Okay, so maybe that' s not the exact words I used with Bob, but you get the picture. Will Bob show up Monday? I don' t know, but I kind of doubt it. In fact, Bob will probably take me off his Christmas card list. He probably thinks I' ve got " too much Testosterone," like that' s a bad thing. I think Bob is just stuck in a rut, and as the saying goes, the only difference between a rut and a grave is depth. 

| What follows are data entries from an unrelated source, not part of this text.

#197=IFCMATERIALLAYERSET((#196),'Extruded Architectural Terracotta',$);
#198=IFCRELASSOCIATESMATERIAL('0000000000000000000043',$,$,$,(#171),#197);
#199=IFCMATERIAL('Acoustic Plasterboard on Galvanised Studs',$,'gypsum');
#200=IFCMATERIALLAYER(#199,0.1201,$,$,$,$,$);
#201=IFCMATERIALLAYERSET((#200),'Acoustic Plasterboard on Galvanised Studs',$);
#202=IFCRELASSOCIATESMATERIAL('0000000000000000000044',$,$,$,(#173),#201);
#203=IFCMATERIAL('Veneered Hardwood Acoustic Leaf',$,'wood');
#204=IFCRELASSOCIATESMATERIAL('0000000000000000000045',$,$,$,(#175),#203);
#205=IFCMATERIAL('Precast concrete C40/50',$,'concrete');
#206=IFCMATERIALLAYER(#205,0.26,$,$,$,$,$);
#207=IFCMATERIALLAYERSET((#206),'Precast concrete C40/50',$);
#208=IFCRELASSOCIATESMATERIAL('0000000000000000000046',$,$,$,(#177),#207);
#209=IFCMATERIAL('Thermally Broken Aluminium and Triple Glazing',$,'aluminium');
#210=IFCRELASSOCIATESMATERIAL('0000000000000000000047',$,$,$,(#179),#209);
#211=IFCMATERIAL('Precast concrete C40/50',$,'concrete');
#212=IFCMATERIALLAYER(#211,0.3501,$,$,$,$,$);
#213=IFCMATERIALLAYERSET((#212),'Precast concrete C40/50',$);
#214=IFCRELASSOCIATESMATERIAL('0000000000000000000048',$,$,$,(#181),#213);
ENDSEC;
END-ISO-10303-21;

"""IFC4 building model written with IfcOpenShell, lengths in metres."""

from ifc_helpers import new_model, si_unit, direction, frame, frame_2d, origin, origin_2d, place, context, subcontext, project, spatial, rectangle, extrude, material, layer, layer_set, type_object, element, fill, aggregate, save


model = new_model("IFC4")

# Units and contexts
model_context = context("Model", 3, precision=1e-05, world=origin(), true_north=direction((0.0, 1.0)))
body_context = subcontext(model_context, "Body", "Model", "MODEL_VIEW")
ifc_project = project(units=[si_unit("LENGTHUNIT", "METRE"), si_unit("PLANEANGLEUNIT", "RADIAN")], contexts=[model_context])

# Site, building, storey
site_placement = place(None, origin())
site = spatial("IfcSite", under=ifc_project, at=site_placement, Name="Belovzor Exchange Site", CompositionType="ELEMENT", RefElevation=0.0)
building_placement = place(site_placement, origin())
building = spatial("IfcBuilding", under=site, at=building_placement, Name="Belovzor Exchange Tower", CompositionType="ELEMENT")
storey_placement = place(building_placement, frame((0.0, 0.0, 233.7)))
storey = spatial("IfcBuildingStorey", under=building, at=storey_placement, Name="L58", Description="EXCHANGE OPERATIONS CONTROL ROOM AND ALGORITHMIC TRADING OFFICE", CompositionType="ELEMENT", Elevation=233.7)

The way out of the rut is to make major changes in your life, most of which won' t be too pleasant in the beginning. The opportunity to make those changes seldom comes as bluntly as I put it to Bob. Most of the time, that opportunity knocks very softly. What I did was basically give Bob a verbal slap in the face. You can react two ways to a slap. You can get angry at the person doing the slapping, or you can realize that he was just trying to get you to wake up and focus on what you really want and, more importantly, what it' ll take to get it. 

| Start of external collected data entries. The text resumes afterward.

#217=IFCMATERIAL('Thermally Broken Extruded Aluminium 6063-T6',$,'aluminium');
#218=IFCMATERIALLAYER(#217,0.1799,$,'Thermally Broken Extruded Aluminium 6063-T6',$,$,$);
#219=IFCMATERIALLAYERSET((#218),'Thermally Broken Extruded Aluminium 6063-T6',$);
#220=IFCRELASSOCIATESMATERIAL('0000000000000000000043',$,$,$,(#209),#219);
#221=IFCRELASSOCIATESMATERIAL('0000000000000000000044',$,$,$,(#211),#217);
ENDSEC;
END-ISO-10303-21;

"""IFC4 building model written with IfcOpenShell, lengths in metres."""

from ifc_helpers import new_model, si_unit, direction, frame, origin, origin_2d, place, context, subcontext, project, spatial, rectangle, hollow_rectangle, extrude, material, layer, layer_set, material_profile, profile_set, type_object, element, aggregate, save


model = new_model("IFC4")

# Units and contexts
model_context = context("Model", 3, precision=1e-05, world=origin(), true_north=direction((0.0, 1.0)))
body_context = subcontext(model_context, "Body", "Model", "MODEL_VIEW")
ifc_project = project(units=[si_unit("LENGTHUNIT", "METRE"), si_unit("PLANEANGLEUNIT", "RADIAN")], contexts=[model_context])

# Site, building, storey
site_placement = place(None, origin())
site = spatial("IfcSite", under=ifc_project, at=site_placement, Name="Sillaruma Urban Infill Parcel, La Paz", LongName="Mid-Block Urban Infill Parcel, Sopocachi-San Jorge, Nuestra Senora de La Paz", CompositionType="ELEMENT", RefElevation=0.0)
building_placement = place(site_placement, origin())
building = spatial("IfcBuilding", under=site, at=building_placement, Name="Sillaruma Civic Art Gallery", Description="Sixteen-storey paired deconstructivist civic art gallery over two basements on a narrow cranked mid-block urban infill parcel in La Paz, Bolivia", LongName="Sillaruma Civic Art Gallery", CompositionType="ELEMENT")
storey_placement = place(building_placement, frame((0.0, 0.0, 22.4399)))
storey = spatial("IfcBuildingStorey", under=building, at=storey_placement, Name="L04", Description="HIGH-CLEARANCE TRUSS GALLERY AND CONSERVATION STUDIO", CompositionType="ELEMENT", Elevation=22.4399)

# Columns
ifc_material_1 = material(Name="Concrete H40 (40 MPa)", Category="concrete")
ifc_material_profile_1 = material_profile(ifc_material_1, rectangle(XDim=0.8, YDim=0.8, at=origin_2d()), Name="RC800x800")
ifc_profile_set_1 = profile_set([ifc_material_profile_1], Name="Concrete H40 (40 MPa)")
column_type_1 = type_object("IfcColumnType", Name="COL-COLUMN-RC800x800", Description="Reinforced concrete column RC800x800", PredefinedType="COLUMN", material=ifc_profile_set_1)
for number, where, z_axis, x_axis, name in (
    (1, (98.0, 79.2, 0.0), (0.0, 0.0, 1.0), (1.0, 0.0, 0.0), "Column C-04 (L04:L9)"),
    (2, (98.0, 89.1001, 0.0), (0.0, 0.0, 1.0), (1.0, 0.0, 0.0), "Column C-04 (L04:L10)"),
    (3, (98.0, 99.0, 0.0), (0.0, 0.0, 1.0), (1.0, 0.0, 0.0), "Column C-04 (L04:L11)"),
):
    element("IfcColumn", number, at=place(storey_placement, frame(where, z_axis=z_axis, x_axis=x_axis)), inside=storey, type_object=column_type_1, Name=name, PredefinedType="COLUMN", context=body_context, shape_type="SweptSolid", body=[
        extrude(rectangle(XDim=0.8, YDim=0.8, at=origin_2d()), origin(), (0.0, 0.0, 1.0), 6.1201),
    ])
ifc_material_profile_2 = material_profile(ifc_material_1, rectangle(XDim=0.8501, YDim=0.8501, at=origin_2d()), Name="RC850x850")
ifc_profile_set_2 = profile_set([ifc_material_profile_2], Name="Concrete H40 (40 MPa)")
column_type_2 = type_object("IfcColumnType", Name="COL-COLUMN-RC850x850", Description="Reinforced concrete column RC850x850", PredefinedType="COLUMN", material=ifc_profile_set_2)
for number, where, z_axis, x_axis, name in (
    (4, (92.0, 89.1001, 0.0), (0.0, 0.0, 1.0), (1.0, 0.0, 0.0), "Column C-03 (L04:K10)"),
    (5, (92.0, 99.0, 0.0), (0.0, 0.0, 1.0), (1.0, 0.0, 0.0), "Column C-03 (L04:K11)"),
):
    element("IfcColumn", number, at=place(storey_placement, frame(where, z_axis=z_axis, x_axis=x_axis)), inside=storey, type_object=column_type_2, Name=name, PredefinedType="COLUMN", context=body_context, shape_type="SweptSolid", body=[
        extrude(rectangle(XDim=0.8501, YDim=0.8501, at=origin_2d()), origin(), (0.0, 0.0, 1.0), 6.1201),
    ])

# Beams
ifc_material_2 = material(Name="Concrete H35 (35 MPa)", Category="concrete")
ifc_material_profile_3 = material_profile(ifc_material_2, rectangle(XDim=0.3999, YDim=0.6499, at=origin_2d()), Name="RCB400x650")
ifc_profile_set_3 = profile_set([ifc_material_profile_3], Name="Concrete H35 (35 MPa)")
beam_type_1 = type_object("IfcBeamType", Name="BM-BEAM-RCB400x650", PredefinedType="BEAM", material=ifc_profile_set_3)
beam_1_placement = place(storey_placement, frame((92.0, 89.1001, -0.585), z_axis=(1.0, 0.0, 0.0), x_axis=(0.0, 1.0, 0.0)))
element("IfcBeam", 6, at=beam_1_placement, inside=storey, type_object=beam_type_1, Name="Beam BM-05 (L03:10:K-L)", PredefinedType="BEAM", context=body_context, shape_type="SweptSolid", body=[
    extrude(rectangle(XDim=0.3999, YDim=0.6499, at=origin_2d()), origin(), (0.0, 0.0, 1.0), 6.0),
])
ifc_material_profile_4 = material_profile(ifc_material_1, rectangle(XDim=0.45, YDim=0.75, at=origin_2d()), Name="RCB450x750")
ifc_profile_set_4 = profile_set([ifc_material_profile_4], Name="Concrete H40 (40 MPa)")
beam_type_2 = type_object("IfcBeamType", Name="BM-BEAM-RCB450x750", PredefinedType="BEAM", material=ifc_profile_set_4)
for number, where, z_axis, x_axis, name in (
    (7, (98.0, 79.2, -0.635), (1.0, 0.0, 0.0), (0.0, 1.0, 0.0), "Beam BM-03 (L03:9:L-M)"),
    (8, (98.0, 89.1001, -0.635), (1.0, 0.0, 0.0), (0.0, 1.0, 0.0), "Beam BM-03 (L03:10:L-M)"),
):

If you' re a regular T-mag reader, I doubt you need to be called out like Bob. But maybe you' ve caught yourself slacking a little here lately. Maybe you' ve missed a few workouts or maybe you started a little too early on the usual holiday feasting, like, say, back in September. Just remember that the time to start working on that summer body is now. The time to get rid of those bad habits that hold you back in the gym is now. You want to look totally different by next Christmas? Start now. This isn' t because of the holidays or any corny New Year' s resolutions either. The best time is always now. 

Christmas day I want you to enjoy being with your family and friends. I want you to open presents, sip a little eggnog and have a good meal. But if your regularily scheduled workout happens to fall on December 25th, what will you be doing at six o' clock that morning? 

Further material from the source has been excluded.